In a study examining the nexus between land and language for Indigenous people, members of the Iñupiaq and Saint Lawrence Island Yupik communities in Northern Alaska spoke of how speaking their native language helps make practicing traditions and community values a more authentic experience.

Iñupiaq is a language of being out on the ice, said an elder from Utiqiaġvik, Alaska. The knowledge of sea ice is embedded into the language. While doing traditional activities such as whaling and berry-picking with the community, it is pertinent to know specific terminology concerning the ice, weather, wildlife, and currents. 

“How are we gonna explain the different ices to the next generation? How are we going to talk about hunting and what to look out for if it so happens that the ice comes back? What are they gonna do,” said an Iñupiaq language instructor from Utiqiaġvik.

Language Revitalization 

In an attempt to preserve the Iñupiaq language of her native Alaskan community of Shishmaref, Annauk Olin has been working with the MIT Indigenous language Initiative to develop a curriculum to teach the native language. 
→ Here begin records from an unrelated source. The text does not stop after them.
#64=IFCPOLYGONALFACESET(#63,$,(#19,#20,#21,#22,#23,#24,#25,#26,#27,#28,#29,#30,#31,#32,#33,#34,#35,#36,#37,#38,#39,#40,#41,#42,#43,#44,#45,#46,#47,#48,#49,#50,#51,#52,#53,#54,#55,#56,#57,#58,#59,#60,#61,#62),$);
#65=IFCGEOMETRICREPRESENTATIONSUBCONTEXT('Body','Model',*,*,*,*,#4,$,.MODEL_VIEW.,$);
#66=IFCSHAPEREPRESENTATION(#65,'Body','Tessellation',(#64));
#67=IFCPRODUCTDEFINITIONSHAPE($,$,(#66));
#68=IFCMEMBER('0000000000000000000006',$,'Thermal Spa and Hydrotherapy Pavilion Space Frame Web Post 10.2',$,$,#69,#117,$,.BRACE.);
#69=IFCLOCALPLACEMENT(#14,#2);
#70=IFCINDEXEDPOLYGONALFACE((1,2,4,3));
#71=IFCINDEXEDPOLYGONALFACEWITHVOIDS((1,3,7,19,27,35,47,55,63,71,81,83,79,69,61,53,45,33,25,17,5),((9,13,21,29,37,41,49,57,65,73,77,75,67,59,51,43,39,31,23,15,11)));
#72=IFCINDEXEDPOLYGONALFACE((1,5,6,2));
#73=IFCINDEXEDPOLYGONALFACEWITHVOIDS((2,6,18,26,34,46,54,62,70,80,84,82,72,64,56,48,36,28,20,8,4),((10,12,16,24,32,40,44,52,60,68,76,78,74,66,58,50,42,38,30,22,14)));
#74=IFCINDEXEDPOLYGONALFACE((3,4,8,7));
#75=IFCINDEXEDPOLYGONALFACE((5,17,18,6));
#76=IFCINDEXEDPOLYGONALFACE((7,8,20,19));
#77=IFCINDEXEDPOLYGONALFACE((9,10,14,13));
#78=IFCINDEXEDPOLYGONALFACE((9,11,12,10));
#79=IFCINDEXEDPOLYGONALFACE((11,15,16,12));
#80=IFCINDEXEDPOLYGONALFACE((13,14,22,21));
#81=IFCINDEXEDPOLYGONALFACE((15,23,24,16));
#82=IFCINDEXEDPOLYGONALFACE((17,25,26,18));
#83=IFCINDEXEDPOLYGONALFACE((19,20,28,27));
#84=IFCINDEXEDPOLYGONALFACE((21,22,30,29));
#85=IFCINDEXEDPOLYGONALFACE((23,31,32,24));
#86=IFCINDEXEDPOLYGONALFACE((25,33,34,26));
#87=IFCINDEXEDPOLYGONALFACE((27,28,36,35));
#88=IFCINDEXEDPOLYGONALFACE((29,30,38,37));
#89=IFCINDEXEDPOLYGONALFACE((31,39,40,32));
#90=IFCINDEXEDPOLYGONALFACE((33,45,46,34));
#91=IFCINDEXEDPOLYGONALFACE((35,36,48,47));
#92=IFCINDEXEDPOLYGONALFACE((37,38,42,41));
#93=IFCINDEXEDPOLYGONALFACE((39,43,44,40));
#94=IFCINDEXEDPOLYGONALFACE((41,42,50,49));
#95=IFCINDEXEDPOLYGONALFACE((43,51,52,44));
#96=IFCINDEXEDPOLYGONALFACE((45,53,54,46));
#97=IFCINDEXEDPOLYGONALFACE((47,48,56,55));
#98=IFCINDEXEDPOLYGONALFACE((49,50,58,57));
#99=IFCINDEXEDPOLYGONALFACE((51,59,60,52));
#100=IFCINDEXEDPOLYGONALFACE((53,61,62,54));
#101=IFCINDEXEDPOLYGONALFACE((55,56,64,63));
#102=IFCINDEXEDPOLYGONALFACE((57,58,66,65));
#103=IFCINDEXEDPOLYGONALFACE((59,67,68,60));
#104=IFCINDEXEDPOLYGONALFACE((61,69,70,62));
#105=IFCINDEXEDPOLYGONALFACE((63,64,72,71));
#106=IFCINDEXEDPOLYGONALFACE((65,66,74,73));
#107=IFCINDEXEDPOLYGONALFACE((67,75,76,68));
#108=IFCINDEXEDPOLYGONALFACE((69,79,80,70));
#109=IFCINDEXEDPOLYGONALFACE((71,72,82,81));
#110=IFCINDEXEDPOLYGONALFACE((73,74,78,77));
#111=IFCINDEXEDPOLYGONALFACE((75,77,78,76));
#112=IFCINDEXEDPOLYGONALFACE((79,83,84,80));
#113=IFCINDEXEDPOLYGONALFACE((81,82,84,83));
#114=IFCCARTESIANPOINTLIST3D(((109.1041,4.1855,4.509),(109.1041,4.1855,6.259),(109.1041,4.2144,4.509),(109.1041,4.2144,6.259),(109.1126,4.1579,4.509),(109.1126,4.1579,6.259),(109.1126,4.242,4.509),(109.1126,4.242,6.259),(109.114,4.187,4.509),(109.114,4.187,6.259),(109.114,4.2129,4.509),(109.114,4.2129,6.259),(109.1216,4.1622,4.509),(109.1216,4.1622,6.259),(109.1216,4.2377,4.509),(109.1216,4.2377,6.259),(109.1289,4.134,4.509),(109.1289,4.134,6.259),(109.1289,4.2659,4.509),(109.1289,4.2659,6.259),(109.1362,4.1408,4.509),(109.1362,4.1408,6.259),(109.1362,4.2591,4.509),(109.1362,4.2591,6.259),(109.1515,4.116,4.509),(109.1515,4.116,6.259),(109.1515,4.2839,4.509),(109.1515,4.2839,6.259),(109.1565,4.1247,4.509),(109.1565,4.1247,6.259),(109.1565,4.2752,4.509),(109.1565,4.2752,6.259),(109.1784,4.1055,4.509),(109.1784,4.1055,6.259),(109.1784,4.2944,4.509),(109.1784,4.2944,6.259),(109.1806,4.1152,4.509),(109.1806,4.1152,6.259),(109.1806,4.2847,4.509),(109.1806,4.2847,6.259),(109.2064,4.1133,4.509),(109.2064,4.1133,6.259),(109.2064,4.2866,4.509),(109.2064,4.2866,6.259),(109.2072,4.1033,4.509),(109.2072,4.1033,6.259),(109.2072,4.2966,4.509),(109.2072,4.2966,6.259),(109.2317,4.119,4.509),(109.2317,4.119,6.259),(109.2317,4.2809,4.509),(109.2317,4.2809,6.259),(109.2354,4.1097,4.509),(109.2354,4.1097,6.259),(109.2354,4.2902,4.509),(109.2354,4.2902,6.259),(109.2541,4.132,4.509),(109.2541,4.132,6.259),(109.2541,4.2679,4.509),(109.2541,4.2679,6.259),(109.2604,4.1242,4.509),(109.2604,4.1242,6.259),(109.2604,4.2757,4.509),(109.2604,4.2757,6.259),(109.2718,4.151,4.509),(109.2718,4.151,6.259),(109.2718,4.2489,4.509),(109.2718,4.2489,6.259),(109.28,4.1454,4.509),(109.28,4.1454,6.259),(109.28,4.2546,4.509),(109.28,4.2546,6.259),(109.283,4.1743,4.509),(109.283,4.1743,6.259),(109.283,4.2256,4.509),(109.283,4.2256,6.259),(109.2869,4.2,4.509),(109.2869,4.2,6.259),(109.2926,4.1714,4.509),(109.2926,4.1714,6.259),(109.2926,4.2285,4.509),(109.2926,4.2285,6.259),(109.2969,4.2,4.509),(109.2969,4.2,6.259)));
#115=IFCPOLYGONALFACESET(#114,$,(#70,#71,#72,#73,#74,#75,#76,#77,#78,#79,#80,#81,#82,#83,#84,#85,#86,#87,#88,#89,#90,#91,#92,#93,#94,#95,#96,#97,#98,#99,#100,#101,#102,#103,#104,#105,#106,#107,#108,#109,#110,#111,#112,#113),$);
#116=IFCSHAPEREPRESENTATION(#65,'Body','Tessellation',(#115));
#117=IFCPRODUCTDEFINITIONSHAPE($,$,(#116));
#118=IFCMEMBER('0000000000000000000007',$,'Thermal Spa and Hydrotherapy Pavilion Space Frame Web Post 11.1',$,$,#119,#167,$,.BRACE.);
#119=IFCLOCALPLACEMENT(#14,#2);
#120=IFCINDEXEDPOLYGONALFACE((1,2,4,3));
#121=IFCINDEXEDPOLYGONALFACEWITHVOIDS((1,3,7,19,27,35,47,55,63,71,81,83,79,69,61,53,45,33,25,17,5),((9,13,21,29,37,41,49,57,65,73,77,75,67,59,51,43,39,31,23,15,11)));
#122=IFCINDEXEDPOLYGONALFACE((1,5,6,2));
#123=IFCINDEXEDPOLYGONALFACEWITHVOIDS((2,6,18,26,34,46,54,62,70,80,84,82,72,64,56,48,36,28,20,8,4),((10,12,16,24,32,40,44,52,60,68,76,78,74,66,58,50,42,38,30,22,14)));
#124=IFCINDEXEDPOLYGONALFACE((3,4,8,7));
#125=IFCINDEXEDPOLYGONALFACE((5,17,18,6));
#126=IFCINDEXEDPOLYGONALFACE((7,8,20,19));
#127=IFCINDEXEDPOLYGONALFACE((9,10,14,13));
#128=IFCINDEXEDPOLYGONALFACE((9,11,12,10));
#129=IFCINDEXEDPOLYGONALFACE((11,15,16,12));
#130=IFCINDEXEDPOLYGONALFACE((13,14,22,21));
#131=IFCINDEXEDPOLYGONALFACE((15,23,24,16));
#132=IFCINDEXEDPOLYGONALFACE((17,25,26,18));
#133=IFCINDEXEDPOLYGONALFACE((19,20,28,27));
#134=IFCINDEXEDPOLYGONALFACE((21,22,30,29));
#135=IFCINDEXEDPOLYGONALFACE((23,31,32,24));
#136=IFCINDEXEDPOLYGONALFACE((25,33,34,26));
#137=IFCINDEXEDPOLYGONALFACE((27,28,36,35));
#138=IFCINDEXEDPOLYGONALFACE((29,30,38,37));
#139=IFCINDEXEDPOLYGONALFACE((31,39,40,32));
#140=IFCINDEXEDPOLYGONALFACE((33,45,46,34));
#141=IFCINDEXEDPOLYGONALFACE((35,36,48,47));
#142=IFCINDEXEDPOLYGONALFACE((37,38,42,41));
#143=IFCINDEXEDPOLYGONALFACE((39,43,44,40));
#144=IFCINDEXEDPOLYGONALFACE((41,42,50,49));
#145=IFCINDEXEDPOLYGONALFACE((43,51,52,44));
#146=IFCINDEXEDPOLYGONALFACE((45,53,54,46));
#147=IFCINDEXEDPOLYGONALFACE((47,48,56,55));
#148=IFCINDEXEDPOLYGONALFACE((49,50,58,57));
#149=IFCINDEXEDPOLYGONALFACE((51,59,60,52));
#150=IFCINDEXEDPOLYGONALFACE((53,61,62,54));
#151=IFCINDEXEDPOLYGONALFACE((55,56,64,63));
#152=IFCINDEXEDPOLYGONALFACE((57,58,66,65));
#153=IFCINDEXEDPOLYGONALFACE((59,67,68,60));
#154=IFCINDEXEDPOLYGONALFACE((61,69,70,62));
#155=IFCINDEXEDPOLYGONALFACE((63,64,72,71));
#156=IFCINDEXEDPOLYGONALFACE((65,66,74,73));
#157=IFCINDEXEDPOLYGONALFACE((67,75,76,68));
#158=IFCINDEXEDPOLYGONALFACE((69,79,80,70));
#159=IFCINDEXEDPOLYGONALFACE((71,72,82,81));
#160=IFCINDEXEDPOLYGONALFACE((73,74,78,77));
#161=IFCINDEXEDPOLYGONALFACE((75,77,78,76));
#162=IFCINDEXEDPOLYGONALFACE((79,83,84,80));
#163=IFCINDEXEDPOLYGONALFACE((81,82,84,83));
She is interested in creating a community-led school where they not only learn the language, but also partake in traditional practices such as harvesting and processing food, and sewing traditional clothes. 

Such an initiative, Olin believes, should relay the importance of community and how each person must relate to and connect with one another. Olin’s own community has been trying to relocate due to the impacts of climate change on their lives.

In Western Alaska’s Nome Elementary School, an Iñupiaq immersion program has been introduced at the kindergarten level to help strengthen children’s identities and boost their well-being.

All of these community language revitalization endeavors will help these Indigenous languages survive, even as a changing climate threatens their longevity.